Vi risulta infatti, in breve, che le diminuzioni di potere inquinante dei veicoli termici, ottenute dal 1992 in poi anche grazie alle Direttive UE, sono state largamente vanificate dai riscaldamenti a biomasse (legna e pellet); i quali, a partire dal 2003, sono dilagati a valanga in sostituzione di quelli ad altri combustibili, ma si sono rivelati più inquinanti su scala locale di gasolio e GPL e soprattutto del metano: “In autunno e in inverno, quando le condizioni meteo impediscono la dispersione degli inquinanti, a Milano le biomasse, il traffico e il particolato di origine secondaria contribuiscono ciascuno per circa un terzo alle PM2,5 presenti nell’aria, con un peso leggermente maggiore da parte delle biomasse”, scrive Faccini.

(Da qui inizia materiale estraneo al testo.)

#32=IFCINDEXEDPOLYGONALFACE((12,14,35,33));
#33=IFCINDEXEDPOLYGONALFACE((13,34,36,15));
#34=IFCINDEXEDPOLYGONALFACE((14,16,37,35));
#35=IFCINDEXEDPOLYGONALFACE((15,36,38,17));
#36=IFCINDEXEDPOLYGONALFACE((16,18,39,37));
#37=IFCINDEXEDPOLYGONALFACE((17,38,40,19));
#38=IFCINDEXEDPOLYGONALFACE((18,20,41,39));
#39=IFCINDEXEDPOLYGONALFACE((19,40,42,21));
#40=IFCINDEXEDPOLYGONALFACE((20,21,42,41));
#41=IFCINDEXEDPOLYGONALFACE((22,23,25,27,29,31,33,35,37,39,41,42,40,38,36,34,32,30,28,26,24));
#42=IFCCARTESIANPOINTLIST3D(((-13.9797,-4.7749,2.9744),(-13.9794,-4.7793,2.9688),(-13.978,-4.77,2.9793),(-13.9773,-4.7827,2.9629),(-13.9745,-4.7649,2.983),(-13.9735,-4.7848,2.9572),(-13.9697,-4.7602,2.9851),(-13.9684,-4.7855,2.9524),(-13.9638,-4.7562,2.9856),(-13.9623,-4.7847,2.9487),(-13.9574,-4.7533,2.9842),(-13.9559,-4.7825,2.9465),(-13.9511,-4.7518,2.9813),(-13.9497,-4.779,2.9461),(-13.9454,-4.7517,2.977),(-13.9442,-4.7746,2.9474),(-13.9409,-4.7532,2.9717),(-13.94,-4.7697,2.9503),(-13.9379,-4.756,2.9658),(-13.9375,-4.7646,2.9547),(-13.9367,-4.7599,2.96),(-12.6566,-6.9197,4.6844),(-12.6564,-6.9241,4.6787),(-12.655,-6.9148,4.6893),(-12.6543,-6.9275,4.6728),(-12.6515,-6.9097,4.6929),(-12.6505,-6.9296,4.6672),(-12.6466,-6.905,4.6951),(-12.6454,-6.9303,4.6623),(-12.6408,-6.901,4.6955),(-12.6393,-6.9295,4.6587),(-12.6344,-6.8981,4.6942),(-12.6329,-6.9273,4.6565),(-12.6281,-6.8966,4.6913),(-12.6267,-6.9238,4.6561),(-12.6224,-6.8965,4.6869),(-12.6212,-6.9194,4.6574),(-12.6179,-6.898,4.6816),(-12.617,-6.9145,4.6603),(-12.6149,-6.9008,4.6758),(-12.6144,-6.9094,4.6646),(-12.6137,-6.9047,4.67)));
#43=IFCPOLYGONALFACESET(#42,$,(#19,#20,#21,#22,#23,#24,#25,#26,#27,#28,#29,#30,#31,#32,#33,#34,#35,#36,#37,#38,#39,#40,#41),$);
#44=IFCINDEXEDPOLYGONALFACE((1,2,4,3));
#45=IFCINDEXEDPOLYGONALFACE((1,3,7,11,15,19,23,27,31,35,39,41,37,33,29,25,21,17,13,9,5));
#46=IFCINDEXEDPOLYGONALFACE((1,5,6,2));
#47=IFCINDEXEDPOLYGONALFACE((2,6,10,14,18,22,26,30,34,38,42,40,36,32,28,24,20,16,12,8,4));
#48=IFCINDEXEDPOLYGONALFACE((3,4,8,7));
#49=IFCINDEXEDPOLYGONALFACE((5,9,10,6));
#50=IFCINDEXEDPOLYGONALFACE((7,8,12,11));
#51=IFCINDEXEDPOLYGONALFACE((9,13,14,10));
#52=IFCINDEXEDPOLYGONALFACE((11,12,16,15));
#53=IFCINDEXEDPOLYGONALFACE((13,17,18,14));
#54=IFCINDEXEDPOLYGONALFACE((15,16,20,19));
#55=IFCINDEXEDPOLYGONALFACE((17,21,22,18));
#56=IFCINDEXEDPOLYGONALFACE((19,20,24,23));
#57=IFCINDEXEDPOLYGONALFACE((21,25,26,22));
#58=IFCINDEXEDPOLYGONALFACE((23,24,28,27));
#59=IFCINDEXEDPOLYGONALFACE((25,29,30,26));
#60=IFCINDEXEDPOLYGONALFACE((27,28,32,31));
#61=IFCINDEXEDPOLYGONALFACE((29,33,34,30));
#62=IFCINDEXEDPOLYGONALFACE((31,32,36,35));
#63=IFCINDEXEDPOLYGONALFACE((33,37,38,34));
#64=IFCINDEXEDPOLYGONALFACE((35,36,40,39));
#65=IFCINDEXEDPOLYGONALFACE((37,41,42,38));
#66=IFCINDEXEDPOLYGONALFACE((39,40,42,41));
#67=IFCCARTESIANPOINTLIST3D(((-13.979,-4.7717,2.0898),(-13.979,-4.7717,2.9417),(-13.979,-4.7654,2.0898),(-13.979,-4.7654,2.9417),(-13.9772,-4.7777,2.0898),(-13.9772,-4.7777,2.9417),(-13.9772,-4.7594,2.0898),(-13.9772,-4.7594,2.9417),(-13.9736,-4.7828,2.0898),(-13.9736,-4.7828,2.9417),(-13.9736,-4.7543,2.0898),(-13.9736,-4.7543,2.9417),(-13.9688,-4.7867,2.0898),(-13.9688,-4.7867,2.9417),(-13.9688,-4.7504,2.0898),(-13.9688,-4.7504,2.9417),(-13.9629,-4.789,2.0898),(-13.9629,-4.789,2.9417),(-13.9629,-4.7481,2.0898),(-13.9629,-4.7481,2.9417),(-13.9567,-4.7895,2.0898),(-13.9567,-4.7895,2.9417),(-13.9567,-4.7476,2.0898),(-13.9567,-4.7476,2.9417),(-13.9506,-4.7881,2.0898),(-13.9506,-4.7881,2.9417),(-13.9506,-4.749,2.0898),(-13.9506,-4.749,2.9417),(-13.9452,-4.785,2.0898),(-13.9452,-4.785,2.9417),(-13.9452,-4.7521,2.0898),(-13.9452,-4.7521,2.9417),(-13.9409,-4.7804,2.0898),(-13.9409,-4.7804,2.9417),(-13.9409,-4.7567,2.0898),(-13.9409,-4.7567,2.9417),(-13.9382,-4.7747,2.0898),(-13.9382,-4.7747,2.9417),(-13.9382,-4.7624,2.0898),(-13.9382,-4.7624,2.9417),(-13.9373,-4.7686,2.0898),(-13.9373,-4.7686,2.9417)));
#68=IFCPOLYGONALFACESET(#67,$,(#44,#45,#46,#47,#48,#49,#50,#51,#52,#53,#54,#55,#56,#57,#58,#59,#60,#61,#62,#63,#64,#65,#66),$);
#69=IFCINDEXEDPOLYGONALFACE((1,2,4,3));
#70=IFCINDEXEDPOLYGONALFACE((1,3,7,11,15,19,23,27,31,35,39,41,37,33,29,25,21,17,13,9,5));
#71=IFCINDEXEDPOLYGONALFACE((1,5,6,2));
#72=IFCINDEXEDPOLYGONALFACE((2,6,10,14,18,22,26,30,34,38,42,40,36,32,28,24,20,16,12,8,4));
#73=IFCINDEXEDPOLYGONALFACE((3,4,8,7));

Il lato comico della cosa  – se si potesse riderne – è che lo Stato italiano ha incentivato, anche con soldi pubblici, la rottamazione sostitutiva delle auto considerate “sporche” e ha incentivato anche i riscaldamenti a biomasse perché tale fonte è rinnovabile (ma non per questo “pulita” ).

Quegli articoli hanno avuto oltre 50.000 accessi da internauti, ma dalla “grande informazione” e da quella specializzata hanno avuto lo stesso rilievo dato, quattro anni prima, al libro di Hans Peter Lenz (non c’è peggior cieco di chi non vuol vedere).

Nella migliore delle ipotesi, il motivo potrebbe essere ricercato nel timore di perdere la forsennata quanto succulenta pubblicità alle auto, arrivata ormai a superare per intensità e frequenza quella dei più comuni prodotti di uso quotidiano.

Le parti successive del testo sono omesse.